セキュリティ企業が攻撃用AIエージェントを用い、コンサルティング大手・マッキンゼーの社内AIをわずか2時間で攻略した事例が報告されました。本記事では、この事例から見えてくる「自律型AIと古典的攻撃手法の融合」という脅威と、日本企業が社内AI環境を安全に構築・運用するための実践的なアプローチを解説します。
マッキンゼーの社内AI「Lilli」がハッキングされた事例の衝撃
世界的なコンサルティングファームであるマッキンゼー・アンド・カンパニーは、4万人以上の従業員が利用する独自の社内AIプラットフォーム「Lilli(リリー)」を運用しています。しかし先日、セキュリティ企業Codewallが開発した攻撃用AIエージェントが、この強固なはずのプラットフォームをわずか2時間でハッキングすることに成功したというレポートが波紋を呼んでいます。

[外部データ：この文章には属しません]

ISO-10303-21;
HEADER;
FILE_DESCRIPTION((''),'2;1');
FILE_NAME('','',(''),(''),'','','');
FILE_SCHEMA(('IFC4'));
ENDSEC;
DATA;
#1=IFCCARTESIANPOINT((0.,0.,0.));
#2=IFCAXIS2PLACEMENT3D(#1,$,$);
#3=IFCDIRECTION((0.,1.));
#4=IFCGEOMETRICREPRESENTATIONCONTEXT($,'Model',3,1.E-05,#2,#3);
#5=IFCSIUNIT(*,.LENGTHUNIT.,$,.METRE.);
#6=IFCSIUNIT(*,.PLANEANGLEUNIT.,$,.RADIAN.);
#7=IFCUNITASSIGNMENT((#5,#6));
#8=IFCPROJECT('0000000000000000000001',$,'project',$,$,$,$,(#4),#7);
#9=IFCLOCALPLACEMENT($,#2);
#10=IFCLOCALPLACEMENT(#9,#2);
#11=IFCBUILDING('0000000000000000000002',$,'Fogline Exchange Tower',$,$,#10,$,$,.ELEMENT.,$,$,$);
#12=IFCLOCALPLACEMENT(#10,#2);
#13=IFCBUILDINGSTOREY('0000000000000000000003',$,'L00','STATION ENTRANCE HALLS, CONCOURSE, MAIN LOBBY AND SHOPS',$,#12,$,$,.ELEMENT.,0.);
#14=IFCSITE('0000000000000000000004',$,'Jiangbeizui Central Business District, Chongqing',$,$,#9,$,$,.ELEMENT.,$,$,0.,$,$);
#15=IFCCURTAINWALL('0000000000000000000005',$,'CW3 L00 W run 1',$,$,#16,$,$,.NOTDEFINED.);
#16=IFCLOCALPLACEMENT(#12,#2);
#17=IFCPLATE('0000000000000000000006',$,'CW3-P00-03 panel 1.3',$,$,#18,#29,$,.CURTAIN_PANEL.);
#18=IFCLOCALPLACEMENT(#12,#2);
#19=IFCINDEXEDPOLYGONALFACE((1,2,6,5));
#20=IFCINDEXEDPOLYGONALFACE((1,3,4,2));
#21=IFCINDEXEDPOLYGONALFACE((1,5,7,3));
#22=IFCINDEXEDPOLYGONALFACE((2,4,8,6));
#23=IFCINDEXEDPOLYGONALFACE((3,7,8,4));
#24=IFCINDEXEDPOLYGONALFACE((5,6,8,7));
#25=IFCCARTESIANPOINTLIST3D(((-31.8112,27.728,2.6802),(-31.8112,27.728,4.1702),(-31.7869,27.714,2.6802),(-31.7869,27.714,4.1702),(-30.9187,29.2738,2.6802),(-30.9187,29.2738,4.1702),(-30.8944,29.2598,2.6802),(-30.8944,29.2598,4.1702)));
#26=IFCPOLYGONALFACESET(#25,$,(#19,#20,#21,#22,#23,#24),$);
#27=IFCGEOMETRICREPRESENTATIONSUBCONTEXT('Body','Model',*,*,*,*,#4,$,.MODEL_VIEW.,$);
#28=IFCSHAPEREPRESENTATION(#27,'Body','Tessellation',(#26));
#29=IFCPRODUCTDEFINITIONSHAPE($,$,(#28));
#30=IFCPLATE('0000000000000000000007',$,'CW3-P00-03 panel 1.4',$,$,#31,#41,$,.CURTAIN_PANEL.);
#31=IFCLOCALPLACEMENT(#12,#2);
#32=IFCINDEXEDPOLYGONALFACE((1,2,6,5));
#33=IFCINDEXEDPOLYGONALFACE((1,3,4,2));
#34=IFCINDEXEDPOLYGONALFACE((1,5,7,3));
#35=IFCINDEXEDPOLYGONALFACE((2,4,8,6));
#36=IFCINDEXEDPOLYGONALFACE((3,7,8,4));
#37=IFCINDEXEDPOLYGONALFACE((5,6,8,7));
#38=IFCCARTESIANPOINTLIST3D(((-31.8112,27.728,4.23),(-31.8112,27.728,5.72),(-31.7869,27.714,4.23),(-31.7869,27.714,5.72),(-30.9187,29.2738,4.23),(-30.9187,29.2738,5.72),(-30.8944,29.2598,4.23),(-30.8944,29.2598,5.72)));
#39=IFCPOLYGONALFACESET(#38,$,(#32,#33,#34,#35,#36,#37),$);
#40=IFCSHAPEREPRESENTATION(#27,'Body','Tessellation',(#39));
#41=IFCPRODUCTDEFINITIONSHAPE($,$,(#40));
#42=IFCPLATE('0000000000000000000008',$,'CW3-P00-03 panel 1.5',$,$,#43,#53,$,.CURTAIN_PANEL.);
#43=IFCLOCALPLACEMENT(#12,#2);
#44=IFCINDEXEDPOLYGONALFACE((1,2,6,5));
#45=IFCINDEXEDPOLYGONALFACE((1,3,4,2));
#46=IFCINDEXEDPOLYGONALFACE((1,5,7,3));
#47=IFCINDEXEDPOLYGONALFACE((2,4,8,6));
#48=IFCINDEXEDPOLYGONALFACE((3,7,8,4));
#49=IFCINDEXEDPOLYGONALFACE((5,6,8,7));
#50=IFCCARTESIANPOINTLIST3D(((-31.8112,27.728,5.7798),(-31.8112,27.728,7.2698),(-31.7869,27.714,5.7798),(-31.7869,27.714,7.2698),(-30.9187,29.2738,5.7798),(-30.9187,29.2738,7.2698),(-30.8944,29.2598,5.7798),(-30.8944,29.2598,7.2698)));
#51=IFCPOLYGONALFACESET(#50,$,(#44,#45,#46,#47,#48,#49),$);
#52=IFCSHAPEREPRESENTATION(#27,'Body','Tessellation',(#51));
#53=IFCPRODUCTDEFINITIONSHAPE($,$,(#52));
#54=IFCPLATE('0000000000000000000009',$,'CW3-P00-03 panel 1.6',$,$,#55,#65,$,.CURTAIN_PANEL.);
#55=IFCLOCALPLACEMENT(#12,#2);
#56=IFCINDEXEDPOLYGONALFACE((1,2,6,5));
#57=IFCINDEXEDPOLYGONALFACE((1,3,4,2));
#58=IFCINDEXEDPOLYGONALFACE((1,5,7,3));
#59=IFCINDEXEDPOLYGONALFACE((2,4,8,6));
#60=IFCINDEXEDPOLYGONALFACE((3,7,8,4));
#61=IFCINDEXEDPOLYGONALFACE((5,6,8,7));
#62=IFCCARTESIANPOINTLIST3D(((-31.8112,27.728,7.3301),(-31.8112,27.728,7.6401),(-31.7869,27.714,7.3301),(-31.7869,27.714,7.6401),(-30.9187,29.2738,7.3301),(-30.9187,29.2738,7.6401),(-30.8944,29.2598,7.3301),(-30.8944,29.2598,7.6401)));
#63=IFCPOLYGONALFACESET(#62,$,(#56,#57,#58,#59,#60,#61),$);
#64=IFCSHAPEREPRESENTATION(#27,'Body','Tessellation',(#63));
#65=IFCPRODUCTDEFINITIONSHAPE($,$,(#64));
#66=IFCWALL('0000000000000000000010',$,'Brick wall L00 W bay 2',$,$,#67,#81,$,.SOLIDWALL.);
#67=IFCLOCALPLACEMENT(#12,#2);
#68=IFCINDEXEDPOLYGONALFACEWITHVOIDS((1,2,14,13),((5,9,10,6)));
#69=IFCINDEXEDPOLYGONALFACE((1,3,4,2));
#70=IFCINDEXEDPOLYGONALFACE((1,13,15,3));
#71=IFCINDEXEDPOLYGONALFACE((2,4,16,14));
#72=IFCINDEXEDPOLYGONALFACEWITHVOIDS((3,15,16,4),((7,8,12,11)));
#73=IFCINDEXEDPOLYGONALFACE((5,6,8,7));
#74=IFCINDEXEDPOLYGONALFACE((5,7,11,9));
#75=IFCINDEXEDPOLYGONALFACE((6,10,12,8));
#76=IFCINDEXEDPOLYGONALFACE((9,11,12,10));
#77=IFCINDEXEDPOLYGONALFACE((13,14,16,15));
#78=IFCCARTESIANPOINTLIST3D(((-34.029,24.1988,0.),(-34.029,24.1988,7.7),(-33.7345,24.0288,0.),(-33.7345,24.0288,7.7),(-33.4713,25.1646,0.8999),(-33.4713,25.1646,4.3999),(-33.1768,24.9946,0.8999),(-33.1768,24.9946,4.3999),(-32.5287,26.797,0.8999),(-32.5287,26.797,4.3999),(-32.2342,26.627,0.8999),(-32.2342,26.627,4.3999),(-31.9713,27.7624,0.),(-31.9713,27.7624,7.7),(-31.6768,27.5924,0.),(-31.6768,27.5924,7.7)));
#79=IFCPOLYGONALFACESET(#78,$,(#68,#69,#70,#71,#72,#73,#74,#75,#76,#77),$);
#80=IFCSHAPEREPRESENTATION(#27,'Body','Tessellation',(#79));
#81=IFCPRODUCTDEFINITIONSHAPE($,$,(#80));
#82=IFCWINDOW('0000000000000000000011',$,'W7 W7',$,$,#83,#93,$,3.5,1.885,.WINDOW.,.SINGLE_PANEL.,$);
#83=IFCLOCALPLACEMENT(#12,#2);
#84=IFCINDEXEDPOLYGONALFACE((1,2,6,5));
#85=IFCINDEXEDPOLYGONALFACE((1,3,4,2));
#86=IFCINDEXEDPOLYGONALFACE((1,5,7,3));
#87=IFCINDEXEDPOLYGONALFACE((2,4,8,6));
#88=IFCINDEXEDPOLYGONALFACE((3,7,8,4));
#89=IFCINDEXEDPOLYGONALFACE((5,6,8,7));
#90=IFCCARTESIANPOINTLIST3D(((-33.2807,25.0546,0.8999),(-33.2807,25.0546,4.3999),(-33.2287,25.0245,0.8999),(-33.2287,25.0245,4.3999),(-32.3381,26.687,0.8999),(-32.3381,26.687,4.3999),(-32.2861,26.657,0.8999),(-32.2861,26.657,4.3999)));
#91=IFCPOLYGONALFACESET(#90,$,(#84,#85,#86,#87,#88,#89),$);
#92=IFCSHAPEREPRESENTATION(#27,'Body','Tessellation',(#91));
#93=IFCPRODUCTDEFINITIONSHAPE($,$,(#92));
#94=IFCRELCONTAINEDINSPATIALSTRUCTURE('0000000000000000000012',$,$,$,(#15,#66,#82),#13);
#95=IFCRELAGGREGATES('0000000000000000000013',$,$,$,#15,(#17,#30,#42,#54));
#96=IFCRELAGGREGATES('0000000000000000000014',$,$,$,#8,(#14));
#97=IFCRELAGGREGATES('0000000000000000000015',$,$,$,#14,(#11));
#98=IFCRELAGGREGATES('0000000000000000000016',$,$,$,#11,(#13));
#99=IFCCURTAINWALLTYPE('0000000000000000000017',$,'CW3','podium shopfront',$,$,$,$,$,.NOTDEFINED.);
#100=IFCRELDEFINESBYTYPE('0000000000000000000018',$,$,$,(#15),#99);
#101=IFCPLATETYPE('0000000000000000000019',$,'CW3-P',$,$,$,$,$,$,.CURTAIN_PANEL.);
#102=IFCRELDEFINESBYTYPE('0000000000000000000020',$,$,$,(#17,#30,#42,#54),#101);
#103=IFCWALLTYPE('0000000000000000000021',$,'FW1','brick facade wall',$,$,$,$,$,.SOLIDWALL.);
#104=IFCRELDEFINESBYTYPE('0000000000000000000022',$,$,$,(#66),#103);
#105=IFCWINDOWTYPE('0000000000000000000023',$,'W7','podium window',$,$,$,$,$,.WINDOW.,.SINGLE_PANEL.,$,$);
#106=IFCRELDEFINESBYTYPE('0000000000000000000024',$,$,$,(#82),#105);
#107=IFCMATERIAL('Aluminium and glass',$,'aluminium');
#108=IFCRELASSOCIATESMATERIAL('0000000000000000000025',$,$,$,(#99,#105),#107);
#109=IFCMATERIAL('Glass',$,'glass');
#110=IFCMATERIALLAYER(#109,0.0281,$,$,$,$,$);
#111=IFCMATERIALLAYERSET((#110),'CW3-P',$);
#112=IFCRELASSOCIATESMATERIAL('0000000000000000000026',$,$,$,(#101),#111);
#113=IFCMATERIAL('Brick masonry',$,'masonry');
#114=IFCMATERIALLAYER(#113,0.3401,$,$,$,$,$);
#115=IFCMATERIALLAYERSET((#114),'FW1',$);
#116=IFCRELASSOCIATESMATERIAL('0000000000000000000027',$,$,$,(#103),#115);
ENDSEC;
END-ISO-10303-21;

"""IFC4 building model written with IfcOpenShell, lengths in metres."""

from ifc_helpers import new_model, si_unit, direction, frame, frame_2d, origin, origin_2d, place, context, subcontext, project, spatial, rectangle, extrude, material, layer, layer_set, type_object, element, fill, aggregate, save


model = new_model("IFC4")

# Units and contexts
model_context = context("Model", 3, precision=1e-05, world=origin(), true_north=direction((0.0, 1.0)))
body_context = subcontext(model_context, "Body", "Model", "MODEL_VIEW")
ifc_project = project(units=[si_unit("LENGTHUNIT", "METRE"), si_unit("PLANEANGLEUNIT", "RADIAN")], contexts=[model_context])

# Site, building, storey
site_placement = place(None, origin())
site = spatial("IfcSite", under=ifc_project, at=site_placement, Name="Jiangbeizui Central Business District, Chongqing", CompositionType="ELEMENT", RefElevation=0.0)
building_placement = place(site_placement, origin())
building = spatial("IfcBuilding", under=site, at=building_placement, Name="Fogline Exchange Tower", CompositionType="ELEMENT")
storey_placement = place(building_placement, origin())
storey = spatial("IfcBuildingStorey", under=building, at=storey_placement, Name="L00", Description="STATION ENTRANCE HALLS, CONCOURSE, MAIN LOBBY AND SHOPS", CompositionType="ELEMENT", Elevation=0.0)

# Curtain wall, plates
ifc_material_1 = material(Name="Aluminium and glass", Category="aluminium")
curtain_wall_type = type_object("IfcCurtainWallType", Name="CW3", Description="podium shopfront", PredefinedType="NOTDEFINED", material=ifc_material_1)
curtain_wall_placement = place(storey_placement, origin())
curtain_wall = element("IfcCurtainWall", 1, at=curtain_wall_placement, inside=storey, type_object=curtain_wall_type, Name="CW3 L00 W run 1", PredefinedType="NOTDEFINED")
ifc_material_2 = material(Name="Glass", Category="glass")
ifc_layer_1 = layer(ifc_material_2, 0.0281)
ifc_layer_set_1 = layer_set([ifc_layer_1], Name="CW3-P")
plate_type = type_object("IfcPlateType", Name="CW3-P", PredefinedType="CURTAIN_PANEL", material=ifc_layer_set_1)
plate_1_placement = place(storey_placement, frame((-31.3528, 28.4939, 2.6802), z_axis=(0.0, 0.0, 1.0), x_axis=(-0.5, -0.866026, 0.0)))
plate_1 = element("IfcPlate", 2, at=plate_1_placement, type_object=plate_type, Name="CW3-P00-03 panel 1.3", PredefinedType="CURTAIN_PANEL", context=body_context, shape_type="SweptSolid", body=[
    extrude(rectangle(XDim=1.7849, YDim=0.0281, at=origin_2d()), origin(), (0.0, 0.0, 1.0), 1.49),
])
plate_2_placement = place(storey_placement, frame((-31.3528, 28.4939, 4.23), z_axis=(0.0, 0.0, 1.0), x_axis=(-0.5, -0.866026, 0.0)))
plate_2 = element("IfcPlate", 3, at=plate_2_placement, type_object=plate_type, Name="CW3-P00-03 panel 1.4", PredefinedType="CURTAIN_PANEL", context=body_context, shape_type="SweptSolid", body=[
    extrude(rectangle(XDim=1.7849, YDim=0.0281, at=origin_2d()), origin(), (0.0, 0.0, 1.0), 1.49),
])
plate_3_placement = place(storey_placement, frame((-31.3528, 28.4939, 5.7798), z_axis=(0.0, 0.0, 1.0), x_axis=(-0.5, -0.866026, 0.0)))
plate_3 = element("IfcPlate", 4, at=plate_3_placement, type_object=plate_type, Name="CW3-P00-03 panel 1.5", PredefinedType="CURTAIN_PANEL", context=body_context, shape_type="SweptSolid", body=[
    extrude(rectangle(XDim=1.7849, YDim=0.0281, at=origin_2d()), origin(), (0.0, 0.0, 1.0), 1.49),
])
plate_4_placement = place(storey_placement, frame((-31.3528, 28.4939, 7.3301), z_axis=(0.0, 0.0, 1.0), x_axis=(-0.5, -0.866026, 0.0)))
plate_4 = element("IfcPlate", 5, at=plate_4_placement, type_object=plate_type, Name="CW3-P00-03 panel 1.6", PredefinedType="CURTAIN_PANEL", context=body_context, shape_type="SweptSolid", body=[
    extrude(rectangle(XDim=1.7849, YDim=0.0281, at=origin_2d()), origin(), (0.0, 0.0, 1.0), 0.3101),
])
aggregate(curtain_wall, [plate_1, plate_2, plate_3, plate_4])

# Wall, opening, window
ifc_material_3 = material(Name="Brick masonry", Category="masonry")
ifc_layer_2 = layer(ifc_material_3, 0.3401)
ifc_layer_set_2 = layer_set([ifc_layer_2], Name="FW1")
wall_type = type_object("IfcWallType", Name="FW1", Description="brick facade wall", PredefinedType="SOLIDWALL", material=ifc_layer_set_2)
wall_placement = place(storey_placement, frame((-31.824, 27.6775, 0.0), z_axis=(0.0, 0.0, 1.0), x_axis=(-0.500044, -0.866, 0.0)))
wall = element("IfcWall", 6, at=wall_placement, inside=storey, type_object=wall_type, Name="Brick wall L00 W bay 2", PredefinedType="SOLIDWALL", context=body_context, shape_type="SweptSolid", body=[
    extrude(rectangle(XDim=4.115, YDim=0.3401, at=frame_2d((2.0576, 0.0))), origin(), (0.0, 0.0, 1.0), 7.7),
])
opening_placement = place(wall_placement, frame((1.115, 0.0, 0.8999)))
opening = element("IfcOpeningElement", 7, at=opening_placement, cuts=wall, PredefinedType="OPENING", context=body_context, shape_type="SweptSolid", body=[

注目すべきは、最新鋭のAIシステムを攻略した手法が「数十年前から存在する古典的なハッキング手法」であった点です。これは、AIモデル自体の問題ではなく、AIを組み込んだシステム全体のアーキテクチャや権限管理に根本的な隙があったことを示唆しています。
最新AIシステムに潜む「古典的」な脆弱性
大規模言語モデル(LLM)を用いた社内システムでは、社内文書を検索して回答を生成するRAG(Retrieval-Augmented Generation:検索拡張生成)という技術が一般的に用いられます。このシステムにおいて、AIは膨大なデータベースに対する「インターフェース」として機能します。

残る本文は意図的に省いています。